The house I grew up in wasn't exactly known for apologizing. We would have big blow ups... real knockdown, drag out fights and simply sweep them under the rug... never to talk them out, resolve them or make amends. So the next fight was always bigger and more hate fueled because we carried the resentment of the past fights with us into the next. It was a vicious cycle, one that haunts our family to this day. I know someone notorious for doing and saying hurtful things, yet they were never held accountable for it - "that's just how he is..", we were told. Well I think you are able to change who you are when you care about someone or want to make things right. When you're wrong, and you really know you're wrong, why not apologize? Either:
- You don't care that it hurt the person and lack remorse
- Fear of rehashing the argument
- You truly stand by what you've said
- Pride
When you allow time to pass without coming to a resolve, the damage only deepens. I wouldn't want an apology that was forced. I need to know they genuinely feel remorse for the hurt they've caused.
Just as you would expect an apology, you have to know how to accept one... learn from it, and move on. Carrying the weight of unforgiven issues will only haunt you and make it impossible for growth in the relationship. I have, for too long, tried to give forgiveness to those who have no asked for it. If they are unwilling to put forth the effort to make it right, you will never feel closure on the issue. I feel that I am worth the apology.
I am a work in progress, I am learning to not only apologize when I feel I am wrong, or when I can see I've hurt someone (weather intentional or not), but to also not sweep things under the rug. Know my worth. And know that relationships are disposable, even the longest. If a relationship is no longer bringing good in, it's time to let go. If someone feels the need to say hurtful things, but do not feel the need to apologize, they are making a choice. Be aware of that, it is a choice to not apologize when you’ve been made aware you’ve done damage.

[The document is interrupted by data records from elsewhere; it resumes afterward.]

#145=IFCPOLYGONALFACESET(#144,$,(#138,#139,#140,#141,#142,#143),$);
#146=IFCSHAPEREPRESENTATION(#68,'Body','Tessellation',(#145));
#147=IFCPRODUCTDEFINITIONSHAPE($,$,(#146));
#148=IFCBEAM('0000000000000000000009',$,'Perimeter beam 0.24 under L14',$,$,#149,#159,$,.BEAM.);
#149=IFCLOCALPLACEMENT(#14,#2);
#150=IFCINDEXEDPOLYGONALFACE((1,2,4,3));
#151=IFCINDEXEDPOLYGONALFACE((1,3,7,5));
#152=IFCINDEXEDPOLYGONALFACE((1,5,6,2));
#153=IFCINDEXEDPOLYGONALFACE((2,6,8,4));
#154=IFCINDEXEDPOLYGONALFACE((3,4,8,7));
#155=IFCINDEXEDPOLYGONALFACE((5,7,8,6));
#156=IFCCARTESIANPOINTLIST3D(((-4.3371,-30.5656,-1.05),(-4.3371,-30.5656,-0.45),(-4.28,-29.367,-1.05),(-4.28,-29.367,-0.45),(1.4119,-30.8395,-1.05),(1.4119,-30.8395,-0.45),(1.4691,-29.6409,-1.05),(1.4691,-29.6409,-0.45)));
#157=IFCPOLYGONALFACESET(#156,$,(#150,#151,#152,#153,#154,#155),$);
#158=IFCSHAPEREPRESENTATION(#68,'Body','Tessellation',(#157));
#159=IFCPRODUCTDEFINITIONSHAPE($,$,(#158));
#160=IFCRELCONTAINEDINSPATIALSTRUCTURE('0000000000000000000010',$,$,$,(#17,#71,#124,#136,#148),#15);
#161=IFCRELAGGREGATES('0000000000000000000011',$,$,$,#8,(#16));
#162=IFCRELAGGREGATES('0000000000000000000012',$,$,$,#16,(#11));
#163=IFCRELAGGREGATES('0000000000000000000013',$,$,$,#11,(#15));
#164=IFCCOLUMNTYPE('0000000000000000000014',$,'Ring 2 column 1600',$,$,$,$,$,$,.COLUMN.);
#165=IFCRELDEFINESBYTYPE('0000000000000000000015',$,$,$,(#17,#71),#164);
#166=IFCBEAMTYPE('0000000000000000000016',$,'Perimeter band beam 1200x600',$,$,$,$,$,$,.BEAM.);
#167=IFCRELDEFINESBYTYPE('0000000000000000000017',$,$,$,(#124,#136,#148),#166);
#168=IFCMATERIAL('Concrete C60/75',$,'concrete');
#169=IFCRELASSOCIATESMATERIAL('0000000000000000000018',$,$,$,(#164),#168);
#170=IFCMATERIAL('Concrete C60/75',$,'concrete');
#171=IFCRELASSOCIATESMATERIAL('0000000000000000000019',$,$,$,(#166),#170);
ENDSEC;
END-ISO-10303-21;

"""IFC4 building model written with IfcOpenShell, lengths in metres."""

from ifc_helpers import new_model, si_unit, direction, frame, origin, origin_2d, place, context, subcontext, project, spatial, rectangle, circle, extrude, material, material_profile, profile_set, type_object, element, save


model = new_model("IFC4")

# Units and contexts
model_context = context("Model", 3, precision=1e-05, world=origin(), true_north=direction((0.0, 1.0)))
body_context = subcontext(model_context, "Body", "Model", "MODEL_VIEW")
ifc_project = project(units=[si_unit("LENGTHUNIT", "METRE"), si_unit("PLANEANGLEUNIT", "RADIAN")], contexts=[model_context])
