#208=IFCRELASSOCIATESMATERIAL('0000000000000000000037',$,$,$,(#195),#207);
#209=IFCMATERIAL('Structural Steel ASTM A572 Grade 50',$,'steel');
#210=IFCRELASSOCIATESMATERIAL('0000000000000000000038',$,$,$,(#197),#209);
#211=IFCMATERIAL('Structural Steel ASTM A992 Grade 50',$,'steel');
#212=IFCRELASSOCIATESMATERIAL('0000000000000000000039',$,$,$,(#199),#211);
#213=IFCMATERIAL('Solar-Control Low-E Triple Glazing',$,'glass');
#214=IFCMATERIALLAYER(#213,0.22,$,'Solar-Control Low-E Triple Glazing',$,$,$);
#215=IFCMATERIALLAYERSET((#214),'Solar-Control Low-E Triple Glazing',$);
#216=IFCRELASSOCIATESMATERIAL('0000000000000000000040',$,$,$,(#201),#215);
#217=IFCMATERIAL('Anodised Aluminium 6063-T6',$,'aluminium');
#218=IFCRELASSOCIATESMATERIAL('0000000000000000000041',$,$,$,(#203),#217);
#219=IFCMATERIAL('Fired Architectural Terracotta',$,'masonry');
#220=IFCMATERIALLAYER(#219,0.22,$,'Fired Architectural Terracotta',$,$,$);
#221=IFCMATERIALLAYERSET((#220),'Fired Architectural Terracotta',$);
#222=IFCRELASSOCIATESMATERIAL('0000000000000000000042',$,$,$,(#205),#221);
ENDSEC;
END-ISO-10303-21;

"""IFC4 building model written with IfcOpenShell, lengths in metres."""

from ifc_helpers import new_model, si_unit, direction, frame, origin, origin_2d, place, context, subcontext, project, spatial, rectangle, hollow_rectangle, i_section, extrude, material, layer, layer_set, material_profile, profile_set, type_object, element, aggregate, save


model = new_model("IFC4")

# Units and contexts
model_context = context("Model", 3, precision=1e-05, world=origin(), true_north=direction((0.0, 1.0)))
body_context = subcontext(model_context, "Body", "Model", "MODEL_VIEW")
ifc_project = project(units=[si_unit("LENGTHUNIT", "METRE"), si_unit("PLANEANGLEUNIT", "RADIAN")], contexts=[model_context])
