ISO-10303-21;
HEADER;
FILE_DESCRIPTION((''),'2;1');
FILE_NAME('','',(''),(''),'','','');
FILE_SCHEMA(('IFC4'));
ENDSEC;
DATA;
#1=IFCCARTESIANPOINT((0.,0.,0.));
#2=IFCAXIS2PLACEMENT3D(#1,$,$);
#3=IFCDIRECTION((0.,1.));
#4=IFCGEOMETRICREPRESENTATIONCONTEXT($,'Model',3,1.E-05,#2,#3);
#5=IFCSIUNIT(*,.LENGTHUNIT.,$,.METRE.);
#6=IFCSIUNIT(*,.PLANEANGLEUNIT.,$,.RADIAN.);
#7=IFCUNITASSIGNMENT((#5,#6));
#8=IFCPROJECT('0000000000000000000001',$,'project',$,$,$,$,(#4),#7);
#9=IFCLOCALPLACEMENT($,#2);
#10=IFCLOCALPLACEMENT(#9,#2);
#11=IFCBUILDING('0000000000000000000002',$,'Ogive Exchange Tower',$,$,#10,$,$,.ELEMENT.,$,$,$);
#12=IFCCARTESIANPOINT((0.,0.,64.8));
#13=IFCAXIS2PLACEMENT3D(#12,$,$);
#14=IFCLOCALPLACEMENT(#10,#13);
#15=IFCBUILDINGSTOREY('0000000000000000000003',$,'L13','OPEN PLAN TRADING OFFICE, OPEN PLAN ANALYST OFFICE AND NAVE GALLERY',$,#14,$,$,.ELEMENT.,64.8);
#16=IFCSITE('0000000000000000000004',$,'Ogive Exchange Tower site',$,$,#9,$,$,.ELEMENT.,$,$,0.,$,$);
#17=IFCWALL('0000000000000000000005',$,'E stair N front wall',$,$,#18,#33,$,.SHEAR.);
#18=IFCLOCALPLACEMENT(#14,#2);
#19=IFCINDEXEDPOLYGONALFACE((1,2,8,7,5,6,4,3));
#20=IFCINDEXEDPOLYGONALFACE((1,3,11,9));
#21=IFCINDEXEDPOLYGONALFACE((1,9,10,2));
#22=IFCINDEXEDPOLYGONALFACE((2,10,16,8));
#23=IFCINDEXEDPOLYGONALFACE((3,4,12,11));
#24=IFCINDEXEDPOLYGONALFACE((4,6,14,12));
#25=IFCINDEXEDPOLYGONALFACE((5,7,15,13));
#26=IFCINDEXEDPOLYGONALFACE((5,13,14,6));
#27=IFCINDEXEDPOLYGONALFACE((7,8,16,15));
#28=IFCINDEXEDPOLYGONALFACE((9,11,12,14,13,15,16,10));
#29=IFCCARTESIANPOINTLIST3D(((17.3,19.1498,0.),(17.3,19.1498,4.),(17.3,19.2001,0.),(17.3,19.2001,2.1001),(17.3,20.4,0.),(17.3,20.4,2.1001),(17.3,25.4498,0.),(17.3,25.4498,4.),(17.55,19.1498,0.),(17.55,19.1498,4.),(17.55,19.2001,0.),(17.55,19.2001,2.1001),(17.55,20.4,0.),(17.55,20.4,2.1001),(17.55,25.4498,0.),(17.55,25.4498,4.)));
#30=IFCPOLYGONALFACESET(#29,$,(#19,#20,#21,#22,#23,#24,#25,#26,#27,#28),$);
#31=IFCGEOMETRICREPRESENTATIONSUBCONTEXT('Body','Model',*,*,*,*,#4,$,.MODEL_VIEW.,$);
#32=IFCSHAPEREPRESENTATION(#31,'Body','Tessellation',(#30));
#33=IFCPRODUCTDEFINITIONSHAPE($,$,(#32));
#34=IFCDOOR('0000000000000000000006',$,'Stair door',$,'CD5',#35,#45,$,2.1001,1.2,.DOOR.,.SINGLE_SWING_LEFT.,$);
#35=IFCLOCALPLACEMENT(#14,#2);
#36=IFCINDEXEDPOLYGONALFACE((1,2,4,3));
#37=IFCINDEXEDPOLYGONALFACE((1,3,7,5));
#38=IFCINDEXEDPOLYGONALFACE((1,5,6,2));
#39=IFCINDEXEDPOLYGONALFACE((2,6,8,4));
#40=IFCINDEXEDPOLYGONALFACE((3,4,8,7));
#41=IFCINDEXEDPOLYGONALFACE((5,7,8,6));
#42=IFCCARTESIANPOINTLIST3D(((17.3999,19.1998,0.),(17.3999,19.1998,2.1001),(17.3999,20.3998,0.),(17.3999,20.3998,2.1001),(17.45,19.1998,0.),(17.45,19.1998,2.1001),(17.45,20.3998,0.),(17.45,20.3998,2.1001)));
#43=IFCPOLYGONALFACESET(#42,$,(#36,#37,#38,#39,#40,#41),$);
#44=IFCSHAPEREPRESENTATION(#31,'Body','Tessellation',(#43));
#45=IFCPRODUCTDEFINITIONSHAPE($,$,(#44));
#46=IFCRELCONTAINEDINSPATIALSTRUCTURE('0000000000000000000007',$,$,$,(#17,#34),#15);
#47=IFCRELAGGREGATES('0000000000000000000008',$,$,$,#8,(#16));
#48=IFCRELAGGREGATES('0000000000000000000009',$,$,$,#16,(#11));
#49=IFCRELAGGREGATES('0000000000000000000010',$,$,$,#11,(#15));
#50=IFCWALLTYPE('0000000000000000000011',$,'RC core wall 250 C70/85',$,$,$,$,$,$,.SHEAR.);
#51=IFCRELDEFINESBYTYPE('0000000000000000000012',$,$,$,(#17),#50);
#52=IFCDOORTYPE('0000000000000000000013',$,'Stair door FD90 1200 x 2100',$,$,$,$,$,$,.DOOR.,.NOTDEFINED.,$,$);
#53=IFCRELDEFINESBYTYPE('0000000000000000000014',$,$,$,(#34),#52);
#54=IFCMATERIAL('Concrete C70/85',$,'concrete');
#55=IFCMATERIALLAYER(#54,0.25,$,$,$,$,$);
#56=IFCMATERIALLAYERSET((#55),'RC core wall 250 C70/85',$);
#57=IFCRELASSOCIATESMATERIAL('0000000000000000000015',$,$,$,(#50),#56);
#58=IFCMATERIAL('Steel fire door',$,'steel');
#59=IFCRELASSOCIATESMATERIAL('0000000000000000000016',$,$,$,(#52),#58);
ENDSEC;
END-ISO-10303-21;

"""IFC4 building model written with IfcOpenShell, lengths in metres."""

from ifc_helpers import new_model, si_unit, direction, frame, frame_2d, origin, place, context, subcontext, project, spatial, rectangle, extrude, material, layer, layer_set, type_object, element, fill, save


model = new_model("IFC4")

# Units and contexts
model_context = context("Model", 3, precision=1e-05, world=origin(), true_north=direction((0.0, 1.0)))
body_context = subcontext(model_context, "Body", "Model", "MODEL_VIEW")
ifc_project = project(units=[si_unit("LENGTHUNIT", "METRE"), si_unit("PLANEANGLEUNIT", "RADIAN")], contexts=[model_context])

# Site, building, storey
site_placement = place(None, origin())
site = spatial("IfcSite", under=ifc_project, at=site_placement, Name="Ogive Exchange Tower site", CompositionType="ELEMENT", RefElevation=0.0)
building_placement = place(site_placement, origin())
building = spatial("IfcBuilding", under=site, at=building_placement, Name="Ogive Exchange Tower", CompositionType="ELEMENT")
storey_placement = place(building_placement, frame((0.0, 0.0, 64.8)))
storey = spatial("IfcBuildingStorey", under=building, at=storey_placement, Name="L13", Description="OPEN PLAN TRADING OFFICE, OPEN PLAN ANALYST OFFICE AND NAVE GALLERY", CompositionType="ELEMENT", Elevation=64.8)

# Wall, opening, door
ifc_material_1 = material(Name="Concrete C70/85", Category="concrete")
ifc_layer_1 = layer(ifc_material_1, 0.25)
ifc_layer_set_1 = layer_set([ifc_layer_1], Name="RC core wall 250 C70/85")
wall_type_1 = type_object("IfcWallType", Name="RC core wall 250 C70/85", PredefinedType="SHEAR", material=ifc_layer_set_1)
wall_1_placement = place(storey_placement, frame((17.425, 19.1499, 0.0), z_axis=(0.0, 0.0, 1.0), x_axis=(0.0, 1.0, 0.0)))
wall_1 = element("IfcWall", 1, at=wall_1_placement, inside=storey, type_object=wall_type_1, Name="E stair N front wall", PredefinedType="SHEAR", context=body_context, shape_type="SweptSolid", body=[
    extrude(rectangle(XDim=6.3, YDim=0.25, at=frame_2d((3.1499, 0.0))), origin(), (0.0, 0.0, 1.0), 4.0),
])
opening_1_placement = place(wall_1_placement, frame((0.05, 0.0, 0.0)))
opening_1 = element("IfcOpeningElement", 2, at=opening_1_placement, cuts=wall_1, PredefinedType="OPENING", context=body_context, shape_type="SweptSolid", body=[
    extrude(rectangle(XDim=1.2, YDim=2.1001, at=frame_2d((0.6001, 1.05))), frame((0.0, 0.135, 0.0), z_axis=(0.0, -1.0, 0.0), x_axis=(1.0, 0.0, 0.0)), (0.0, 0.0, 1.0), 0.27),
])
ifc_material_2 = material(Name="Steel fire door", Category="steel")
door_type_1 = type_object("IfcDoorType", Name="Stair door FD90 1200 x 2100", OperationType="NOTDEFINED", PredefinedType="DOOR", material=ifc_material_2)
door_1_placement = place(opening_1_placement, frame((1.2, 0.0, 0.0), z_axis=(0.0, 0.0, 1.0), x_axis=(-1.0, 0.0, 0.0)))
door_1 = element("IfcDoor", 3, at=door_1_placement, inside=storey, type_object=door_type_1, Name="Stair door", ObjectType="CD5", OperationType="SINGLE_SWING_LEFT", OverallHeight=2.1001, OverallWidth=1.2, PredefinedType="DOOR", context=body_context, shape_type="SweptSolid", body=[
    extrude(rectangle(XDim=1.2, YDim=2.1001, at=frame_2d((0.6001, 1.05))), frame((0.0, 0.0249, 0.0), z_axis=(0.0, -1.0, 0.0), x_axis=(1.0, 0.0, 0.0)), (0.0, 0.0, 1.0), 0.05),
])
fill(opening_1, door_1)

save(model, "model.ifc")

The home I am building with my husband is quite the opposite. We talk everything out, sometimes to a fault. We apologize for hurt feelings, and heal from the issue, and try to not make the same mistake twice. Taking mental note of what we did wrong and how we can improve. I believe it’s true that history has a tendency to repeat itself, but you are in control of your destiny… and in my future I intend to re-write my wrongs and bad habits to create the strongest “us” we can be.